# enfield livery yards please



## foraday (23 October 2013)

Ok my very very dear client of mine will be moving here shortly when they return to the uk for good

EN2 postcode area of Enfield

They have 2 18hh (one showjumper grade A and one Adv Dressage horse) and compete regularly and go to their trainers regularly.  I would say an Indoor school is a must but they will over look this as they will be able to travel and hire one if necessary.

They will be renting property first when they return as they have yet to see a house that they like.

So I have come to the all knowing fountain of knowledge of HHO

Where on earth can they have their horses on full livery, without the riding as they have their own groom who will just ride them until they find the place of their dreams and buy a homestead with stables and land.

Thanking everyone in advance!  Can give virtual oreos for those who help!!!


----------



## OrangePepper (23 October 2013)

Mote End Farm Mill Hill, East Herts Equestrian Centre, Trent Park Cockfosters, Strangeways Stud Farm Borehamwood. South Medburn Farm  Elstree.


----------



## MissChaos (23 October 2013)

Also Patchetts. Exercise included as standard but can't imagine great objections to asking for this not to happen.


----------



## Spot_On (23 October 2013)

Woodhurst Livery, Mote End and Trent Park EC would be my first 3 choices, having stabled at all 3 in the past.


----------



## Bernster (23 October 2013)

I'd say East Herts, South Medburn, Hill Farm in Radlett, and the one in the WaterMeadows but unhelpfully I can't remember the name of it.  I know East Herts has an indoor but not sure of the rest.  Think they are all commutable from Enfield.  Or Bury Farm Edgware although that's not set up so well for 7 day livery.  These yards all seem to have a good local reputation.

Strangeways is big, and more like lots of small livery yards together and I've heard the indoor gets v busy.

Mote End I wouldn't recommend because of the horse care - lovely yard and facilities but not worth the money.

There is also Netherwylde for 5 star treatment but I haven't had any personal recommendations.

Near me is Queen's Ponies which seems to have a good rep but might be more of a rehab yard.

I'm at Earls Farm which is lovely and friendly but less fancy facilities, and is constantly full because the horse care is second to none!

I remembered the one in the Water Meadows - Little Munden !


----------



## foraday (23 October 2013)

Thank you everyone

Got a lot there for my clients!

Fingers crossed we can sort them out

I knew HH would be the place to come!

Thanks!


----------



## Bernster (23 October 2013)

foraday said:



			Thank you everyone

Got a lot there for my clients!

Fingers crossed we can sort them out

I knew HH would be the place to come!

Thanks!
		
Click to expand...

Ooh, and I never really knew about regional boards either, which seems to be where this has ended up.  Not sure how many people look in here!

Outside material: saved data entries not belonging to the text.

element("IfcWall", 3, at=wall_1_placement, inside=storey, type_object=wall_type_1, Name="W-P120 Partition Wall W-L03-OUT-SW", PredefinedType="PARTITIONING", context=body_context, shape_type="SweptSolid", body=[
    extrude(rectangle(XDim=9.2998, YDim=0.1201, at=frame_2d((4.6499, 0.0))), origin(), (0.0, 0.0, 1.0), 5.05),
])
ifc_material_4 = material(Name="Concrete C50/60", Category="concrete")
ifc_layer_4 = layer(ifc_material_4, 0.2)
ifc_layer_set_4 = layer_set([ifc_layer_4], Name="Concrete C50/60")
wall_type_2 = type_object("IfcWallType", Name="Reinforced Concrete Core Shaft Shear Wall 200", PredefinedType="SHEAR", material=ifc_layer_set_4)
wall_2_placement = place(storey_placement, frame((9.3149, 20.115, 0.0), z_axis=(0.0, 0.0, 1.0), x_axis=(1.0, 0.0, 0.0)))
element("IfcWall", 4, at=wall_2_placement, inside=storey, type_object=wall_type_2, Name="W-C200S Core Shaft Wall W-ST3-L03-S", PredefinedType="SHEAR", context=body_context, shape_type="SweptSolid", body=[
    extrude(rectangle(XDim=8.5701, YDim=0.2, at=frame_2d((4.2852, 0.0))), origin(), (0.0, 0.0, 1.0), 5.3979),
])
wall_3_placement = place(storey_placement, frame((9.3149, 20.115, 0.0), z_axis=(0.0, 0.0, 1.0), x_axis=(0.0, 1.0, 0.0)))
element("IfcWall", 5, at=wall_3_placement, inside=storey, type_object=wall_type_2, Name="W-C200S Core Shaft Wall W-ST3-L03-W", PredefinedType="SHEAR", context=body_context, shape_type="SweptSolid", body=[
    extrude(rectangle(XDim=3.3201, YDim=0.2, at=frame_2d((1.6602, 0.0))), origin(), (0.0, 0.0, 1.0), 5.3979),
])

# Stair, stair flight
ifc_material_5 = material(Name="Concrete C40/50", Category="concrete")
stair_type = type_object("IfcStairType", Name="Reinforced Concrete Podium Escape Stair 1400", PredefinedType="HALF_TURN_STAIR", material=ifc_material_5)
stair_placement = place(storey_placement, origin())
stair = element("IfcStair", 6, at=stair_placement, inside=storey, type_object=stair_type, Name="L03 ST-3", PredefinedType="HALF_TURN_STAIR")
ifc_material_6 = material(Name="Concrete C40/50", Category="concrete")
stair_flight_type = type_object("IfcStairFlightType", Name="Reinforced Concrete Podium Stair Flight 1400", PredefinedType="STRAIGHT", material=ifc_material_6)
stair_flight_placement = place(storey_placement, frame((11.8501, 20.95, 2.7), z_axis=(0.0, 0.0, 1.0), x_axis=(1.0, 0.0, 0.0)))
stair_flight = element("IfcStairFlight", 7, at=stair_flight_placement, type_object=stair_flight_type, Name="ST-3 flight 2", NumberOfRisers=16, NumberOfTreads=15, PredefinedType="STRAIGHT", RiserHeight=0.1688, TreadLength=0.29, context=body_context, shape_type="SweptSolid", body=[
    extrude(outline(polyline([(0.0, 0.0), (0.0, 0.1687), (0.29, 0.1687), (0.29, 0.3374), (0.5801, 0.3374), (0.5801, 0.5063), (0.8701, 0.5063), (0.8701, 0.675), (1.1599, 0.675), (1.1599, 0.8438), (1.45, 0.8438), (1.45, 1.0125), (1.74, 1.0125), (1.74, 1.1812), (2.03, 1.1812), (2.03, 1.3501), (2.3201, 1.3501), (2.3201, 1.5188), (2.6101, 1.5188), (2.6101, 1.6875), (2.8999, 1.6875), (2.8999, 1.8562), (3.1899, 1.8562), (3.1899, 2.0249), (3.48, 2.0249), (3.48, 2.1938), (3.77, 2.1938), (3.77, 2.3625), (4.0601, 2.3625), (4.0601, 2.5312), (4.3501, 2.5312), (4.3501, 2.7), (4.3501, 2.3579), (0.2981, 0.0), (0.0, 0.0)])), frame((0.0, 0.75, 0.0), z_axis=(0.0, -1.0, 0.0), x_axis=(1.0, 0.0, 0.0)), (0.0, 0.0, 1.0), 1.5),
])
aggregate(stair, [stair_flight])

Anyhoo, you already have lots of choice, maybe too much!  but I also remembered Coldicote Farm which looks to have a nice indoor too.  I've been thinking longingly of indoor livery places with the weather drawing in and would be interested to hear what people think of the ones that have been mentinoned in this thread!


----------



## criso (23 October 2013)

I really like the area round Brickett wood:- Little Munden, Netherwylde, Patchetts, Hill Farm.  It's an area that isn't on London clay which north london and most of south herts is.   

Of those Hill Farm would be my recommendation having had friends there.  However free spaces tend to go to people recommended by someone already there.  http://www.hillfarmstables.net/
Little Munden has been under new management since Sept and haven't heard anything good or bad but it's a lovely yard in a great location.  http://www.littlemundenequestrian.com/
Patchetts I think you either love or hate the fact it's a big competition centre. Two indoor schools but there are events most weekends and often weekdays.    http://www.patchetts.co.uk/pages/livery.php
Netherwylde has an indoor  but only used to do individual turnout which isn't for me (apart from the fact it's way out of my price range.   http://www.netherwyldeequestrian.com/

Heard good things about Wild Farm in Radlett too.  http://www.wildfarmequestrian.co.uk/

However accessing these from Enfield if you had to go round the M25 could be a chore, especially if going at rush hour. 

You might also want to consider Bayford Hall Farm (Dan Sherrif's yard) which has a indoor school. They offer a range of livery services form diy to very expensive full.  Again full livery bit has individual turnout. http://www.dansherriff.co.uk/index.php?main_page=facilities 

There is also Diamond Dressage in Goffs Oak which would be very accessible from Enfield but that doesn't have an indoor.  http://diamonddressage.vpweb.co.uk/


----------



## foraday (26 October 2013)

Thank you every so much!!!

Everyone has been brilliant.  I have compiled a list for my dear client.


----------